Пол снял шлем и вместе с дубинкой передал его Кармайклу. Он поднял с травы берет, рядом за своим беретом наклонился Хью и пробормотал: «Неужто тебе нравится все это дерьмо?»
Пол следил за боем Кармайкла и Во и сделал вид, что не расслышал. Он чувствовал, что Хью стоит рядом. Затем он посмотрел на Хатауэя, который стоял по другую сторону площадки. Хатауэй не спускал с него глаз.
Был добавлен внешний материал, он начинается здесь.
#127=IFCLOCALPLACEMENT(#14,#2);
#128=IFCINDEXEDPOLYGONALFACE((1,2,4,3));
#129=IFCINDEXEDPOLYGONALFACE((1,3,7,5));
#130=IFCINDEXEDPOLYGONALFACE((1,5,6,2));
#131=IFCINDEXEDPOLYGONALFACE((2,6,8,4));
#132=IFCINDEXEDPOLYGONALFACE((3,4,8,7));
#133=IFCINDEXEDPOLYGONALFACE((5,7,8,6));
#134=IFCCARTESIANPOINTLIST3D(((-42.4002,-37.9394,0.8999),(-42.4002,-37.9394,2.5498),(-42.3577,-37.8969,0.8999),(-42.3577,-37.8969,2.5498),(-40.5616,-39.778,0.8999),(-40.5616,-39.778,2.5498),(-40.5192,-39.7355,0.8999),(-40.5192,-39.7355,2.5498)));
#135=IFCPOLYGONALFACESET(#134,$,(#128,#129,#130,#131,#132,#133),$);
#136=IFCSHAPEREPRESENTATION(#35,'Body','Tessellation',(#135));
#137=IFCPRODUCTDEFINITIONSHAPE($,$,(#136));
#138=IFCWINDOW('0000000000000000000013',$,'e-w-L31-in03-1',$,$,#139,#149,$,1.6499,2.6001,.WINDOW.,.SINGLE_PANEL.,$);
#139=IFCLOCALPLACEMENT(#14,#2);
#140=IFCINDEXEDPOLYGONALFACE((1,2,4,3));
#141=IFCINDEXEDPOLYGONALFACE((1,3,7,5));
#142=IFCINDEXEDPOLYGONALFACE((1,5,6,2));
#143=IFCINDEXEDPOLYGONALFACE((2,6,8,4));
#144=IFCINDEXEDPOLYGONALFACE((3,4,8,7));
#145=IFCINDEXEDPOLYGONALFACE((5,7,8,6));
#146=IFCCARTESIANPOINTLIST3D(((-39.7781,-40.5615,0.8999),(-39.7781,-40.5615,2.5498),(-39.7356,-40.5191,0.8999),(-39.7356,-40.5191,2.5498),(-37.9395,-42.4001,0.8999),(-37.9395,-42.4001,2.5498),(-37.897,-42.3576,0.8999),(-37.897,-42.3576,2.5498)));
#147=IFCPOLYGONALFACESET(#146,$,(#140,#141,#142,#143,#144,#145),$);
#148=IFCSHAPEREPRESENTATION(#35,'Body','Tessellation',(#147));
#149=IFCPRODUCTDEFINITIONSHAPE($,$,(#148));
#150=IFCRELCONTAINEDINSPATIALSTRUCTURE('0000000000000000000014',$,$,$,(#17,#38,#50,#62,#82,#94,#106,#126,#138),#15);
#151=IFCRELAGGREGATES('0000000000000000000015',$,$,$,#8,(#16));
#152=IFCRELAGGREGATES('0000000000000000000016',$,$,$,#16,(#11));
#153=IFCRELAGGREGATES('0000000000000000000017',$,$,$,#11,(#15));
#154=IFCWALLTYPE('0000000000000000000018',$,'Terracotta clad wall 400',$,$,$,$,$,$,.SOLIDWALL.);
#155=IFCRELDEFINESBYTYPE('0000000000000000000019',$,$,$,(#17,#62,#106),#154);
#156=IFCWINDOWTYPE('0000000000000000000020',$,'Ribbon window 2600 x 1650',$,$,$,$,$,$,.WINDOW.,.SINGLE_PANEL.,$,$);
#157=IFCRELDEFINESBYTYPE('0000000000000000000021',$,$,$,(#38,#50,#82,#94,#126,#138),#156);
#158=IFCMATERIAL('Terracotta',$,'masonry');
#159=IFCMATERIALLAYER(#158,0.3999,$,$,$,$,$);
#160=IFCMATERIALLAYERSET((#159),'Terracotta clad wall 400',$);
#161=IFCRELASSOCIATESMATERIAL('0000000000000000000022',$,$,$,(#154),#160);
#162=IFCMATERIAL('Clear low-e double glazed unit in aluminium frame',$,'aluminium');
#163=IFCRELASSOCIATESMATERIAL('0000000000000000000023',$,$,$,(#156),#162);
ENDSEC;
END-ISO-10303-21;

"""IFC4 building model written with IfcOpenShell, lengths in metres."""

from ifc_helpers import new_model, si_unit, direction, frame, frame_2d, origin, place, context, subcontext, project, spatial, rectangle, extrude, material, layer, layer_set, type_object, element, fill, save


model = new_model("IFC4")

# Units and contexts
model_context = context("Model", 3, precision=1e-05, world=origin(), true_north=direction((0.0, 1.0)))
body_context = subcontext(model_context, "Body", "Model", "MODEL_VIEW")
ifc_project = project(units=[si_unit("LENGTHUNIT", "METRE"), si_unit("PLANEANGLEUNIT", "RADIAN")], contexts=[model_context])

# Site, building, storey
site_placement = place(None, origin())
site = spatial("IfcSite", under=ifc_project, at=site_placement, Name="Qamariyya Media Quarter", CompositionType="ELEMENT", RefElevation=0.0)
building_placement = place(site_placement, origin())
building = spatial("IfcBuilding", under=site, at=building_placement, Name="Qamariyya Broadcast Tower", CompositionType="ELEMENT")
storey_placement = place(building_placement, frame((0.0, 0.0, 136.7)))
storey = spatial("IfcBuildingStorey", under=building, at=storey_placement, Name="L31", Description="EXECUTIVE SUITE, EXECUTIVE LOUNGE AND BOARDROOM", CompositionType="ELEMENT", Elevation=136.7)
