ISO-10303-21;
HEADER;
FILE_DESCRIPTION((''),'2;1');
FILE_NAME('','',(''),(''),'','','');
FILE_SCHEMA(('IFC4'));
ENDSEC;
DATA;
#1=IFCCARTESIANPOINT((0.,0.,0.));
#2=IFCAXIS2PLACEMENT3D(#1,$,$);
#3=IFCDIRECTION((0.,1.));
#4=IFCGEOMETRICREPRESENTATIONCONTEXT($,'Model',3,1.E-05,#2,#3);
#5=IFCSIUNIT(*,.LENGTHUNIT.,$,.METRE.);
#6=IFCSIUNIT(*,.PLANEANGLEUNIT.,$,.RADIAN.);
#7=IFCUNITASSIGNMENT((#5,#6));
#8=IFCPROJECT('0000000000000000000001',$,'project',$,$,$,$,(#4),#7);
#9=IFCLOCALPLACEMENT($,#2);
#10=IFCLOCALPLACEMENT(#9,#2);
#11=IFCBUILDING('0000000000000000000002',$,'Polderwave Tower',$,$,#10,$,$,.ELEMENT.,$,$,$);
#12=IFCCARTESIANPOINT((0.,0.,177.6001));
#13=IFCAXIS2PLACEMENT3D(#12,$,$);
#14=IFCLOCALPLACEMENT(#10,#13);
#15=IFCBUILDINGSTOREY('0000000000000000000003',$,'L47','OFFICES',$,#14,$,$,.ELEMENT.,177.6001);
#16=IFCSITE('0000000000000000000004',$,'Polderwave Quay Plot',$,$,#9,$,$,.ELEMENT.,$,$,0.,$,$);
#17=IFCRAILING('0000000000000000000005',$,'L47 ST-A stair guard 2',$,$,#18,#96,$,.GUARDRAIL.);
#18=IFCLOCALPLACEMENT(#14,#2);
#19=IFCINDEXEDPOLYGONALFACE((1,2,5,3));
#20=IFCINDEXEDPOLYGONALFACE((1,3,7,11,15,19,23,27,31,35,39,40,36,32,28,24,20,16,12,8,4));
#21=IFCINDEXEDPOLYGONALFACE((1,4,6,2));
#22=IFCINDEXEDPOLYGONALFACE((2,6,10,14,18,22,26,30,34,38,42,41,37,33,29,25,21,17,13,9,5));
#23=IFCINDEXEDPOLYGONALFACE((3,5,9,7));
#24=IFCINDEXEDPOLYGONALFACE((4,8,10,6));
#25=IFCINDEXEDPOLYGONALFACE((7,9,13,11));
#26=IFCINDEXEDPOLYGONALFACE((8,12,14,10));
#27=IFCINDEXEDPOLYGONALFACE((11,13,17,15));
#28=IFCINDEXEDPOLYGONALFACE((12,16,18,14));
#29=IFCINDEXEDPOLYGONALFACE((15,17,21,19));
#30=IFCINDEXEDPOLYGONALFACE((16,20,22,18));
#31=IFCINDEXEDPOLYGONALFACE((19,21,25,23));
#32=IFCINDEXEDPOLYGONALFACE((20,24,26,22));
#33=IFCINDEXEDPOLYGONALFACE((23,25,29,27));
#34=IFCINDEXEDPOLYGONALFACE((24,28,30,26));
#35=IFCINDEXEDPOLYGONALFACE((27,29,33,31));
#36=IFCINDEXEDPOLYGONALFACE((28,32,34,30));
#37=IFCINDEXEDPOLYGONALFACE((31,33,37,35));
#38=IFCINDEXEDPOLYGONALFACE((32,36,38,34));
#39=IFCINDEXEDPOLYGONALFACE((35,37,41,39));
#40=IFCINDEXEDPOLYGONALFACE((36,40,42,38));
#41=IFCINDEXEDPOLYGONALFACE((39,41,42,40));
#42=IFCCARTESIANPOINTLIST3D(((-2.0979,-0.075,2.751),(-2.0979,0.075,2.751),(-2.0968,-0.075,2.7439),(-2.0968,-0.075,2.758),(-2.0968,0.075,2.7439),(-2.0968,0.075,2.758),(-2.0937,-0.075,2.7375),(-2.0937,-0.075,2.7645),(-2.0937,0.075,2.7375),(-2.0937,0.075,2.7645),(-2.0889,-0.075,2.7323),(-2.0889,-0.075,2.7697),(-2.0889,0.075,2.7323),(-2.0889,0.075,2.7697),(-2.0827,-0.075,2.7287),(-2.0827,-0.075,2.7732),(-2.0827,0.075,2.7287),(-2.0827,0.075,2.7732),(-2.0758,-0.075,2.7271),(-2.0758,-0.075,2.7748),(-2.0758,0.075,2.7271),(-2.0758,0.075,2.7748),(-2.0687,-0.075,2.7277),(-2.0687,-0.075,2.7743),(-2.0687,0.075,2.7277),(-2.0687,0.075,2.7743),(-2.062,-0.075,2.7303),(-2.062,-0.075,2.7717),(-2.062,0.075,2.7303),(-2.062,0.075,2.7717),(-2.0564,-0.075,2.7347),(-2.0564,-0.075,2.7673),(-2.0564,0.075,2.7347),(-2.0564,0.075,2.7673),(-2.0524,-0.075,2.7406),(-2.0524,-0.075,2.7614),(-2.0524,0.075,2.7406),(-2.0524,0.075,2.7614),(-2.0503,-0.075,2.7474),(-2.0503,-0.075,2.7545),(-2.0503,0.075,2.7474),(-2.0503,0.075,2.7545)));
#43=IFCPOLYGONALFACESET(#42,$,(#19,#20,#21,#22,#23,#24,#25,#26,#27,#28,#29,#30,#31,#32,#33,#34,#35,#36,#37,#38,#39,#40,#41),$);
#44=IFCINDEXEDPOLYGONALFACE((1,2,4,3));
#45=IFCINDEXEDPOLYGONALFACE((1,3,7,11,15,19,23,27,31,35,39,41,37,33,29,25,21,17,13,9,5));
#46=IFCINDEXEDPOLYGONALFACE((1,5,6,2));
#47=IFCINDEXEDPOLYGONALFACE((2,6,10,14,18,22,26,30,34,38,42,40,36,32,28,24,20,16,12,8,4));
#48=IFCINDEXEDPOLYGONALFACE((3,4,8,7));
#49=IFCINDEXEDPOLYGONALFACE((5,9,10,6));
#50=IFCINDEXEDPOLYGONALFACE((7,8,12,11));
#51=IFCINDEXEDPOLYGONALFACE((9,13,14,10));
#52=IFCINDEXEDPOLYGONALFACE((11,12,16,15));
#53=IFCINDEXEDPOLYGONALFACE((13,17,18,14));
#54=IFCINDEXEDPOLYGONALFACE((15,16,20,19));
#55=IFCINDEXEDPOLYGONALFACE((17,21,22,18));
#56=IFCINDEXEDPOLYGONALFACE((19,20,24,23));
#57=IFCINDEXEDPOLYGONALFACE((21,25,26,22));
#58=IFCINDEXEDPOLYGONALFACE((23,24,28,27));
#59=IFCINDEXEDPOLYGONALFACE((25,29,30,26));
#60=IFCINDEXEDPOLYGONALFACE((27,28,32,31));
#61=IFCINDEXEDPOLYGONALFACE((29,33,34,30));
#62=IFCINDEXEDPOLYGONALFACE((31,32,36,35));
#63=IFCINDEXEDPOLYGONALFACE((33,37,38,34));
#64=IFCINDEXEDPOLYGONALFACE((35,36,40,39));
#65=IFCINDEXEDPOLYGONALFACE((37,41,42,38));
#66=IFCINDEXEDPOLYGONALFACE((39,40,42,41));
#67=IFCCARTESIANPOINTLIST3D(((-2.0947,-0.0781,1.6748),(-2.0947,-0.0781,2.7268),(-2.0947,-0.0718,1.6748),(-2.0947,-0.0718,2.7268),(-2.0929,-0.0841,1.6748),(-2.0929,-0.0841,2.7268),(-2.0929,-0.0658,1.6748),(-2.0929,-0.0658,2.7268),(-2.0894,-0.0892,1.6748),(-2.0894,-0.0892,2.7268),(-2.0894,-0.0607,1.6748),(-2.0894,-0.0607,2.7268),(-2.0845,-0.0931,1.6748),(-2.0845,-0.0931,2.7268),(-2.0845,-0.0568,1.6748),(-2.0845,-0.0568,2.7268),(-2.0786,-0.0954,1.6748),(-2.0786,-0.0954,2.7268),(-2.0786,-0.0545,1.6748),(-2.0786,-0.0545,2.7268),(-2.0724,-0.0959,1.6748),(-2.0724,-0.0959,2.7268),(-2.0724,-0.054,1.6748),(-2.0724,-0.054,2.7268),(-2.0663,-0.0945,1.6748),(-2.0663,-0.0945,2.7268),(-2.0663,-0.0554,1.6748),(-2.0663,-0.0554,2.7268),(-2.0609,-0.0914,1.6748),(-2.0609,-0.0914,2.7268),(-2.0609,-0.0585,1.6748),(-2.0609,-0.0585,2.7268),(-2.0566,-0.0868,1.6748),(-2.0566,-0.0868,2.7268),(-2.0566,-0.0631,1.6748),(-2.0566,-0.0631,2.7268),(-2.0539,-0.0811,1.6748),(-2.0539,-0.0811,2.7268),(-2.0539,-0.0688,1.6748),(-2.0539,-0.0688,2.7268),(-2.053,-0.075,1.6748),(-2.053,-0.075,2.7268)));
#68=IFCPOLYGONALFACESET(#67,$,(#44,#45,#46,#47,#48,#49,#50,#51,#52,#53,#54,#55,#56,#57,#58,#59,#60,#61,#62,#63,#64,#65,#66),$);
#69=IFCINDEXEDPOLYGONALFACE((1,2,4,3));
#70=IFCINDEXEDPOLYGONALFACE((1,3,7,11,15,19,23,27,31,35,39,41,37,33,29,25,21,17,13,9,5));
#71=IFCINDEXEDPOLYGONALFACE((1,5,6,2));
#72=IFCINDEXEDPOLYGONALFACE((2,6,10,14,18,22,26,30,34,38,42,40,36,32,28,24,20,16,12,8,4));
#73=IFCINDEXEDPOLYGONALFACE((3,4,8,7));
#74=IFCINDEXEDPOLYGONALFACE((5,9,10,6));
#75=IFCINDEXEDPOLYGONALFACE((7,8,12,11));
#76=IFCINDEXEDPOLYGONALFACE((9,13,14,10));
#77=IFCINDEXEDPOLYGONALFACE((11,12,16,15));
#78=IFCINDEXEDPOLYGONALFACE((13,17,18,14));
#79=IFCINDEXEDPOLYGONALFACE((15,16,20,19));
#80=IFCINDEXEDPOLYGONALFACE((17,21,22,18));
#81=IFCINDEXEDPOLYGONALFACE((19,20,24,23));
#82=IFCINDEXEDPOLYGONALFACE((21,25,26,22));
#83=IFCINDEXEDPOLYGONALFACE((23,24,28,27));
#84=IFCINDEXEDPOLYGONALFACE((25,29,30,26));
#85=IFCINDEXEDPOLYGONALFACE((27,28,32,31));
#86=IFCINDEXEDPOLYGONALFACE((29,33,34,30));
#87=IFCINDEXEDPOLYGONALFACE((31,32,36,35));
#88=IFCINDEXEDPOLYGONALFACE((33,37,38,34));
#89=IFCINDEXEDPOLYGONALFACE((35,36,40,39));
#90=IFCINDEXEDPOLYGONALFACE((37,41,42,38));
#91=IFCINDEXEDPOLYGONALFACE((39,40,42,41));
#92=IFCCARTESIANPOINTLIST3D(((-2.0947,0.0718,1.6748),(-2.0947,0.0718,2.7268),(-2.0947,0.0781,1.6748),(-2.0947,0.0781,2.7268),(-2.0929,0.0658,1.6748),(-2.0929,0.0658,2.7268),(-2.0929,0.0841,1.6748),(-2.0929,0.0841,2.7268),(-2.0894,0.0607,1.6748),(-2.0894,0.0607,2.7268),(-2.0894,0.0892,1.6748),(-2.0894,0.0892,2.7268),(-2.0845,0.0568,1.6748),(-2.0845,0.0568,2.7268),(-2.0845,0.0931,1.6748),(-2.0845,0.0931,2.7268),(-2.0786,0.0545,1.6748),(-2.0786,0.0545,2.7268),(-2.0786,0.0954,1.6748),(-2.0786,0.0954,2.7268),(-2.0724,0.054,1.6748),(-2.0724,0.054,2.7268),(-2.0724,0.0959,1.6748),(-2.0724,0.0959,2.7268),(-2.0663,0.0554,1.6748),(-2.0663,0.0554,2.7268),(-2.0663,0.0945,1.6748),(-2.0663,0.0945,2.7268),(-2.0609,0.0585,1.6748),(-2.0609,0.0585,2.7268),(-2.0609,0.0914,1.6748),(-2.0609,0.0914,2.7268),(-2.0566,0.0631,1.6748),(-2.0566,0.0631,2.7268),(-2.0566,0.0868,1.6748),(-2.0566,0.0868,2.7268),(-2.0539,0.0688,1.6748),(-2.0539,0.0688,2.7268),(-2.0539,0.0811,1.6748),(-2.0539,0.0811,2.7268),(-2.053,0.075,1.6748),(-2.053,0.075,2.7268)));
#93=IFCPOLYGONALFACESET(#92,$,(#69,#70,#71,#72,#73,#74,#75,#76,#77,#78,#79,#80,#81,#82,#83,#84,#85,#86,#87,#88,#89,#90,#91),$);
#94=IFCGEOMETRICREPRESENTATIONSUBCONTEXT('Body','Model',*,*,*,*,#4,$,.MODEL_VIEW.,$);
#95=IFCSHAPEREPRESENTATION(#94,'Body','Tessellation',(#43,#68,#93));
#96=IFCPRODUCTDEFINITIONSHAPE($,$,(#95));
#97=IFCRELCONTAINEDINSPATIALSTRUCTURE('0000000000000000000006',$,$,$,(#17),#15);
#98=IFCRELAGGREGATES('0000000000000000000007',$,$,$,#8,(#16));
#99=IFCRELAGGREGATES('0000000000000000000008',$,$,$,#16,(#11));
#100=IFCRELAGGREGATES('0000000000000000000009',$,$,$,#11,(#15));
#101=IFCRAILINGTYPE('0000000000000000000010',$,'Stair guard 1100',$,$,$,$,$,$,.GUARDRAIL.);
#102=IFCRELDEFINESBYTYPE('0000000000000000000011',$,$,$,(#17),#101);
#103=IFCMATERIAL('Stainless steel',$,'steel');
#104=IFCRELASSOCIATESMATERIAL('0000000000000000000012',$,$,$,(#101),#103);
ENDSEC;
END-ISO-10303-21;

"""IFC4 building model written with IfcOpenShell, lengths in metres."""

from ifc_helpers import new_model, si_unit, direction, frame, origin, origin_2d, place, context, subcontext, project, spatial, circle, extrude, material, type_object, element, save


model = new_model("IFC4")

# Units and contexts
model_context = context("Model", 3, precision=1e-05, world=origin(), true_north=direction((0.0, 1.0)))
body_context = subcontext(model_context, "Body", "Model", "MODEL_VIEW")
ifc_project = project(units=[si_unit("LENGTHUNIT", "METRE"), si_unit("PLANEANGLEUNIT", "RADIAN")], contexts=[model_context])

# Site, building, storey
site_placement = place(None, origin())
site = spatial("IfcSite", under=ifc_project, at=site_placement, Name="Polderwave Quay Plot", CompositionType="ELEMENT", RefElevation=0.0)
building_placement = place(site_placement, origin())
building = spatial("IfcBuilding", under=site, at=building_placement, Name="Polderwave Tower", CompositionType="ELEMENT")
storey_placement = place(building_placement, frame((0.0, 0.0, 177.6001)))
storey = spatial("IfcBuildingStorey", under=building, at=storey_placement, Name="L47", Description="OFFICES", CompositionType="ELEMENT", Elevation=177.6001)

# Railing
ifc_material_1 = material(Name="Stainless steel", Category="steel")
railing_type = type_object("IfcRailingType", Name="Stair guard 1100", PredefinedType="GUARDRAIL", material=ifc_material_1)
railing_1_placement = place(storey_placement, frame((-2.074, -0.075, 1.6748)))
element("IfcRailing", 1, at=railing_1_placement, inside=storey, type_object=railing_type, Name="L47 ST-A stair guard 2", PredefinedType="GUARDRAIL", context=body_context, shape_type="SweptSolid", body=[
    extrude(circle(Radius=0.0239, at=origin_2d()), frame((0.0, 0.0, 1.0762), z_axis=(0.0, 1.0, 0.0), x_axis=(-1.0, 0.0, 0.0)), (0.0, 0.0, 1.0), 0.1499),
    extrude(circle(Radius=0.021, at=origin_2d()), origin(), (0.0, 0.0, 1.0), 1.052),
    extrude(circle(Radius=0.021, at=origin_2d()), frame((0.0, 0.1499, 0.0)), (0.0, 0.0, 1.0), 1.052),
])

save(model, "model.ifc")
Шестой, и последний, холм он штурмовал в темноте, даже луна исчезла: то ли скрылась за деревьями или облаками, то ли просто не видел ее, потому что все заслонила боль; воздух казался вязким, тяжелым, сырым, его не хватало, легкие требовали еще и еще, и он широко открывал рот, торопясь скорее выдохнуть и снова вдохнуть; горло и язык пересохли, ему то и дело мерещились прохладные апельсины, чай со льдом, лимонад, армейская фляжка с водой… Он начал отставать. Теперь он бежал уже рядом не с Уэйленом, а со вторым в соседней колонне, затем с третьим; застонал, рванулся вперед, вроде как получилось, шатаясь, оторвался от третьего, обогнал второго, вновь поравнялся с Уэйленом, затем услышал, как бегущие позади кричат, вернее, пытаются что-то крикнуть ему задыхающимися, срывающимися голосами; они ругались и требовали, чтобы он не отставал, бежал ровно, а то потом им приходится на онемевших от боли ногах догонять передних. Хью за его спиной хранил молчание; то ли жалеет его, то ли сил нет на ругань, подумал Пол, потом все же решил, что жалеет, даже Хью жалеет.